There were transactions involving hundreds, even thousands of units. Some of these large transactions have no associated revenue (e.g. \$0 unit price). It appears that large negative quantities sometimes were returned damaged product. Some large "sales" may have been gifts or donations. In any case, since we cannot correlate these transactions with actual customers, we deleted these transactions as well.
ACTION REQUIRED: There has to be a better way to reconcile these abnormal transactions so that we can properly track and attribute them to either a profit or loss. In our case, we're talking \$1.4 million in sales that cannot be properly accounted.

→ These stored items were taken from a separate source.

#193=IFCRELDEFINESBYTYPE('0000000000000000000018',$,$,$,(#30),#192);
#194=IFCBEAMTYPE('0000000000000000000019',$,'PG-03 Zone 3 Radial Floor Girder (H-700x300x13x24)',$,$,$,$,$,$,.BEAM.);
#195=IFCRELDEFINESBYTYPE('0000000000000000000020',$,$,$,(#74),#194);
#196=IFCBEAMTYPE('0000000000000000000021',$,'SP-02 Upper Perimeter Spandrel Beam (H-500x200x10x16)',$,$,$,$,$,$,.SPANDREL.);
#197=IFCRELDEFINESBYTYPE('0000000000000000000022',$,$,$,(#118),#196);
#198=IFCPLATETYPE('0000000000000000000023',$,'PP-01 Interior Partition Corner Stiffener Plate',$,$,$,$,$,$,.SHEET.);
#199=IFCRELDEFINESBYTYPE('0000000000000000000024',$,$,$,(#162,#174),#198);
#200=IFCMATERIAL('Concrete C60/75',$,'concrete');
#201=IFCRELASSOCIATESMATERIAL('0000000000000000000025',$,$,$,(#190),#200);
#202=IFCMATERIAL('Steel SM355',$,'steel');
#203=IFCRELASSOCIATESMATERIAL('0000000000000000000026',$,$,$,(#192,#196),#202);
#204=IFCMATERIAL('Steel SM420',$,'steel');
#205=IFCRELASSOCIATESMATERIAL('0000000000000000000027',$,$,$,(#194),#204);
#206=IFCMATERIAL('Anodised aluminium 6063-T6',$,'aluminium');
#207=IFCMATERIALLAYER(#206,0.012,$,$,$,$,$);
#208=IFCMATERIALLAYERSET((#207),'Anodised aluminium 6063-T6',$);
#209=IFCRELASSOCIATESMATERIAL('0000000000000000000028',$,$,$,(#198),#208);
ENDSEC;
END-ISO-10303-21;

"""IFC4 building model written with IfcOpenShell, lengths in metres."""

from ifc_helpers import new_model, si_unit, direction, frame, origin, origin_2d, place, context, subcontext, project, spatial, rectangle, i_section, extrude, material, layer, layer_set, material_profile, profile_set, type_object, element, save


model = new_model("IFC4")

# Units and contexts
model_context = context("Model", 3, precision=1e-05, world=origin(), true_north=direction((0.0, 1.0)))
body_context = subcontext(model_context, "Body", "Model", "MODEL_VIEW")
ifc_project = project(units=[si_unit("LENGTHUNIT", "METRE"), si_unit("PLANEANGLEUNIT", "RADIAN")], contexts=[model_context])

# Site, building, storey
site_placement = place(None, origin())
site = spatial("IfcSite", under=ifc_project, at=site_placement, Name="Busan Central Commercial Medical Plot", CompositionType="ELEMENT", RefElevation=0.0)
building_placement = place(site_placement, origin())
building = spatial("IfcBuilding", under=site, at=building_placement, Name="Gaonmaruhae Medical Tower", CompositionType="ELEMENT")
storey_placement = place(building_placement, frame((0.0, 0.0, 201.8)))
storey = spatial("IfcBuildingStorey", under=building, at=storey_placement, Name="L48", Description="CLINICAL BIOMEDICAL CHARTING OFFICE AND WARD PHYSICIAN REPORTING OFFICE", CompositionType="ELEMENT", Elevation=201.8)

ACTION REQUIRED: Some items are obvious returns, but others have no customers associated, and some descriptions look very arbitrary. There should be a more consistent system, because some of the quantities and dollar amounts are very large (in the negative).
ACTION REQUIRED: Why were also several dozen items are listed with unit_price of \$0?
RESULT: We reject the null hypothesis. The top 25% customers do appear to be getting a different pricing.
Although we've seen pricing that seems arbritrary, our testing do show that the top 25% of customers on average have different pricing. Perhaps they were getting free samples, which might explain the \$0 unit pricing on some items. In addition to questions about the entire ordering system that we posed above, we should also ask about customer service/support -- they being the face or "voice" of the company, they can constitute a large part of whether there is repeat business by current customers.
In short, there appears to be many areas that can be shored up, in order to continuing generating more accurate and complete data that will help the business make more accurate assessments and decisions.